### [JAVA] Clean Code with Explanations and Running Time [2 Solutions]

Full Solutions and Explanations

**Solution 1**

```
public class Solution {
public String toHex(int num) {
long n = num & 0x00000000ffffffffL;
char[] map = new char[]{'0', '1', '2', '3', '4', '5', '6', '7', '8', '9', 'a', 'b', 'c', 'd', 'e', 'f'};
StringBuilder sb = new StringBuilder();
while (n > 0) {
sb.insert(0, map[(int) (n % 16)]);
n = n / 16;
}
return num == 0 ? "0" : sb.toString();
}
}
```

#### Complexity Analysis

Uniform cost model is used as Cost Model and `n` is the input number. `b` in this case would be `16.

**Time Complexity:**

- Best Case `O(log_b(n))` : With respect to the input, the algorithm will always depend on the size of input.
- Average Case `O(log_b(n))` : With respect to the input, the algorithm will always depend on the size of input.
- Worst Case `O(log_b(n))` : With respect to the input, the algorithm will always depend on the size of input.

**Auxiliary Space:**

- Worst Case `O(log_b(n))` : With respect to the input, the algorithm will always depend on the size of input.

#### Algorithm

**Approach:** Divide and Modding

To deal with negative number, the number is masked against `long`

data type. This process will convert it to a positive long number.

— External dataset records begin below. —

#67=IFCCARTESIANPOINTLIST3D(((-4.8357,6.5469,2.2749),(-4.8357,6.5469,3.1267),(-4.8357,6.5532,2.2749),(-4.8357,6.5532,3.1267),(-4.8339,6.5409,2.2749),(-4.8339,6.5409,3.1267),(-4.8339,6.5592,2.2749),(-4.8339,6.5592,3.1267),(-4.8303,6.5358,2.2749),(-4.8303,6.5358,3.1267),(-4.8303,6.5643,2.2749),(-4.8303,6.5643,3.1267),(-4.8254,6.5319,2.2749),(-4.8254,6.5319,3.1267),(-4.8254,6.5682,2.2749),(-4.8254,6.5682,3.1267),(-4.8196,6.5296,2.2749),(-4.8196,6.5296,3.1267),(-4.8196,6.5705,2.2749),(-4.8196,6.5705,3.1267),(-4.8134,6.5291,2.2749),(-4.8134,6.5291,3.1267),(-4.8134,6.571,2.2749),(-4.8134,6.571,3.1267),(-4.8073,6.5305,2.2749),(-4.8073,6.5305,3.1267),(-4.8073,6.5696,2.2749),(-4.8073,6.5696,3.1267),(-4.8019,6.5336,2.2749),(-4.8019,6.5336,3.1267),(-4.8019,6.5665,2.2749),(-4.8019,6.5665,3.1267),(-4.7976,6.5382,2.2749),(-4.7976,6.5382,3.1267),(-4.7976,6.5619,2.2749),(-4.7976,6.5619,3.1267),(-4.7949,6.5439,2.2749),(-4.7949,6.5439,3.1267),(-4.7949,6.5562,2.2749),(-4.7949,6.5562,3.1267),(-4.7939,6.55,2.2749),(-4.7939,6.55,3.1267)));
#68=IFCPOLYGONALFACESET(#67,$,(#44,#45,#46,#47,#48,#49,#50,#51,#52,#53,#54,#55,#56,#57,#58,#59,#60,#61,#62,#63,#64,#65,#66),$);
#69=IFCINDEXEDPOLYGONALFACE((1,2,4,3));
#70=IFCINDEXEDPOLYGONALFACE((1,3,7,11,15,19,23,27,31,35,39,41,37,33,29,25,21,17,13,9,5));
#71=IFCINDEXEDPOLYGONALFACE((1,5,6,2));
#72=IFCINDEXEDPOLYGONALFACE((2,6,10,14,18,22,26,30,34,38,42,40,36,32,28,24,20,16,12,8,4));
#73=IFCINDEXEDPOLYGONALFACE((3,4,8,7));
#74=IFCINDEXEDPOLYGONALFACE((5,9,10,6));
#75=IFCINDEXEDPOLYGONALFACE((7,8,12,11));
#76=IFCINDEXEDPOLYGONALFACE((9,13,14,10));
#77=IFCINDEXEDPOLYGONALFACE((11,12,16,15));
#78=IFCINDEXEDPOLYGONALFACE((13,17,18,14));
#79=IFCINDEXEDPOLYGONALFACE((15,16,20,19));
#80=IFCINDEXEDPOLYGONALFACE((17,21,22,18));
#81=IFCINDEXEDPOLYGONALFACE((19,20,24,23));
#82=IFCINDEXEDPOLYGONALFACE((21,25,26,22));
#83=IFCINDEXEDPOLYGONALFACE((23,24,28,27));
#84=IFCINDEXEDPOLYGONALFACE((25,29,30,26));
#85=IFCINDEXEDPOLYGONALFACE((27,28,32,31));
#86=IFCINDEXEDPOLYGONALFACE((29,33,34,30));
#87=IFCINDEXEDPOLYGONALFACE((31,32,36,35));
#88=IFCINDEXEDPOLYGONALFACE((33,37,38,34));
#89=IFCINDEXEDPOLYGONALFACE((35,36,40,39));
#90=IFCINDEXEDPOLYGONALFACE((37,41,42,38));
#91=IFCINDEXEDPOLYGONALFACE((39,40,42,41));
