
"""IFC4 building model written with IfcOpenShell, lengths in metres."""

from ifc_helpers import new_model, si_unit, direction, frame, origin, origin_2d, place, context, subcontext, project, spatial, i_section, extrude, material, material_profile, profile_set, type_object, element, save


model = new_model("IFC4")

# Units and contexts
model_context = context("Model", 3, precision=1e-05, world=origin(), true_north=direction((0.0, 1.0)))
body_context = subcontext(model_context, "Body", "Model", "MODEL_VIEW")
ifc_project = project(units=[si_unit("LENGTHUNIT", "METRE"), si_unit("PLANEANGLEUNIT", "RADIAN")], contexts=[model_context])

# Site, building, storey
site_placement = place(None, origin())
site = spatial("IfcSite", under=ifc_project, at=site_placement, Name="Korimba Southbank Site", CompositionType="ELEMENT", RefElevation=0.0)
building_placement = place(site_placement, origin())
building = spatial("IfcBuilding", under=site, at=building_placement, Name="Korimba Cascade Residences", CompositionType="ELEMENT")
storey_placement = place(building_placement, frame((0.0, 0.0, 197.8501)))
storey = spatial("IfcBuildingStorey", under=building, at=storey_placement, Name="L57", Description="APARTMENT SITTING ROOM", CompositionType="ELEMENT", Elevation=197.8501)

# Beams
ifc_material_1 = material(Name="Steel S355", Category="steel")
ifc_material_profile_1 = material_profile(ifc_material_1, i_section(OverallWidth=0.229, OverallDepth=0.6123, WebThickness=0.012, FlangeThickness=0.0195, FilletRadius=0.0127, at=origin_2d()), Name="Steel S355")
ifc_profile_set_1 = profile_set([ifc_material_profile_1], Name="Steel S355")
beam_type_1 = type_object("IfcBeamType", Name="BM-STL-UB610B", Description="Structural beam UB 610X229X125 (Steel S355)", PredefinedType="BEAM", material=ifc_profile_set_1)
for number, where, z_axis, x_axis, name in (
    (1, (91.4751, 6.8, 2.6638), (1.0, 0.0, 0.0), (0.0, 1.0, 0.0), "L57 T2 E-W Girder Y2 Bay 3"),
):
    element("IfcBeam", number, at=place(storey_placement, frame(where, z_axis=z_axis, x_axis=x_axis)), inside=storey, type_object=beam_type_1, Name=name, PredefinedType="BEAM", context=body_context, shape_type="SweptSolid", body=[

A simple while loop is then use to extract each base digit until number becomes `0`.

For `Integer.MAX_VALUE`

or `Integer.MIN_VALUE`

or any input with 8 Hexadecimal characters where the iterations would last the longest. For `Integer.MAX_VALUE`

the algorithm will run for at most `ceil(log_16 (2^31 - 1) + 1) = 8` times.

**Solution 2**

```
public class Solution {
public String toHex(int num) {
if (num == 0) return "0";
char[] map = new char[]{'0', '1', '2', '3', '4', '5', '6', '7', '8', '9', 'a', 'b', 'c', 'd', 'e', 'f'};
StringBuilder sb = new StringBuilder();
while (num != 0) {
sb.insert(0, map[num & 0b1111]);
num = num >>> 4;
}
return sb.toString();
}
}
```

#### Complexity Analysis

Uniform cost model is used as Cost Model and `n` is the input number. `b` in this case would be `16.

**Time Complexity:**

- Best Case `O(log_b(n))` : With respect to the input, the algorithm will always depend on the size of input.
- Average Case `O(log_b(n))` : With respect to the input, the algorithm will always depend on the size of input.
- Worst Case `O(log_b(n))` : With respect to the input, the algorithm will always depend on the size of input.

**Auxiliary Space:**

#### Algorithm

**Approach:** Shifting and Masking

Number is masked against binary of `1111`

each time to get the component value which is then mapped to corresponding character. `>>>`

is used to right-shifted `4` bit positions with zero-extension. The zero-extension will naturally deal with negative number.

`StringBuilder`

is used due to its efficiently in inserting character to existing `StringBuilder`

object. If normal `String`

is used then each insertion by `+`

operation will have to copy over the immutable `String`

object which is highly inefficient.

For `Integer.MAX_VALUE`

or `Integer.MIN_VALUE`

or any input with 8 Hexadecimal characters where the iterations would last the longest. For `Integer.MAX_VALUE`

the algorithm will run for at most `ceil(log_16 (2^31 - 1) + 1) = 8` times.